2. The turning apparatus as set forth in claim 1, wherein: the lifting mechanism comprises a lifting vertical plate adjacent to the rotor, a lifting driver arranged on the lifting vertical plate and a sliding plate connected with the lifting vertical plate in a sliding mode, wherein the rotating driving mechanism is connected with the sliding plate, and the lifting driver is used for driving the sliding plate to slide up and down along the lifting vertical plate.

3. The turning apparatus as set forth in claim 2, wherein: the lifting driver comprises one of an air cylinder and an oil cylinder.

4. The turning apparatus as set forth in claim 2, wherein: the lifting drive and the sliding plate are respectively positioned on two side plate surfaces of the lifting vertical plate, a through groove is formed in the lifting vertical plate, the lifting mechanism further comprises a lifting head, the lifting head is slidably inserted into the through groove, and two ends of the lifting head are respectively connected with the sliding plate and an output shaft of the lifting drive.

5. The turning apparatus as set forth in claim 2, wherein: the lifting mechanism further comprises a guide rail arranged on the lifting vertical plate along the vertical direction and a sliding block in sliding connection with the guide rail, and one end of the rotary driving mechanism is connected with the sliding block.

6. Turning device according to any one of claims 1-5, characterized in that: the rotary driving mechanism comprises a driving seat connected with the lifting mechanism, a rotary driver arranged on the driving seat, a driving wheel connected with an output shaft of the rotary driver and a driven wheel rotationally connected with the driving seat, wherein the driven wheels are arranged at intervals and are respectively positioned on two sides of the rotor, and the transmission belt is wound on the driving wheel and the driven wheels.

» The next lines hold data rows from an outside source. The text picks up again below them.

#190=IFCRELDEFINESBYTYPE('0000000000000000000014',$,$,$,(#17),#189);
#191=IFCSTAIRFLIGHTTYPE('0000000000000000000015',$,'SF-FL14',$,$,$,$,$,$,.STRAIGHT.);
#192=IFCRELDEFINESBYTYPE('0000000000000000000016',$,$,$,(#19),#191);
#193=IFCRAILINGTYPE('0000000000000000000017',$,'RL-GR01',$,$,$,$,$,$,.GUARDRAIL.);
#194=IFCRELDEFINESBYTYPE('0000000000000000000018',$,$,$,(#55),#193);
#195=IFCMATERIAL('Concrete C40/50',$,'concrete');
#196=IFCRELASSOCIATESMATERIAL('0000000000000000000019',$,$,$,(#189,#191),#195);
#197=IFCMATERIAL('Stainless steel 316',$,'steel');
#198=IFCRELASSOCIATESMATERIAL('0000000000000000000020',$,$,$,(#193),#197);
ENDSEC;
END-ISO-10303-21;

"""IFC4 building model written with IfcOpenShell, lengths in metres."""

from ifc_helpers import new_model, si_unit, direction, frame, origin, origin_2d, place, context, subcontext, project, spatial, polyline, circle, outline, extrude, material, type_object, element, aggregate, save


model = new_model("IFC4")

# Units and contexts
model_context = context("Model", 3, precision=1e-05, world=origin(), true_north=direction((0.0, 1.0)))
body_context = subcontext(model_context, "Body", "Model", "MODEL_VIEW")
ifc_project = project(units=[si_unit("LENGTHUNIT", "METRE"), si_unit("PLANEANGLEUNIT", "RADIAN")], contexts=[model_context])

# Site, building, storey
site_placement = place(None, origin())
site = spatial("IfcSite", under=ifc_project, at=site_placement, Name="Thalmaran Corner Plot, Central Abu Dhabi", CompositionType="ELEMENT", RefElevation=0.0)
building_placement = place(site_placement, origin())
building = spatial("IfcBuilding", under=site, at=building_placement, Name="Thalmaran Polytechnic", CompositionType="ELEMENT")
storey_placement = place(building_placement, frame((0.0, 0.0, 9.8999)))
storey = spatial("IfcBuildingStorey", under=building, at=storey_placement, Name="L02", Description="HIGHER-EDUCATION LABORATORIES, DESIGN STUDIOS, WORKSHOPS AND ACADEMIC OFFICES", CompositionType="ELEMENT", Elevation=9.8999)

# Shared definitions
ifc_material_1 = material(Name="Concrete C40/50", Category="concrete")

7. The turning apparatus of claim 6, wherein: the rotary driving mechanism further comprises a fine adjustment assembly for adjusting the tension degree of the transmission belt, the fine adjustment assembly comprises an idler wheel, a sliding rod and a fine adjustment driver, one end of the sliding rod is slidably connected with the driving seat, the other end of the sliding rod is rotationally connected with the idler wheel, and the fine adjustment driver is connected with the driving seat and used for driving the sliding rod to move.

8. Turning device according to any one of claims 1-5, characterized in that: the turning device further comprises a display structure for displaying the pressing force exerted on the rotor by the driving belt.

9. Turning device according to any one of claims 1-5, characterized in that: the cross section of the switching groove is semicircular or V-shaped.

10. Motor processing apparatus, characterized in that it comprises a turning device according to any one of claims 1-9, said motor processing apparatus further comprising a tool structure for turning said rotor and a frame for said tool structure to be arranged, said support structure and said force application structure being both connected to said frame.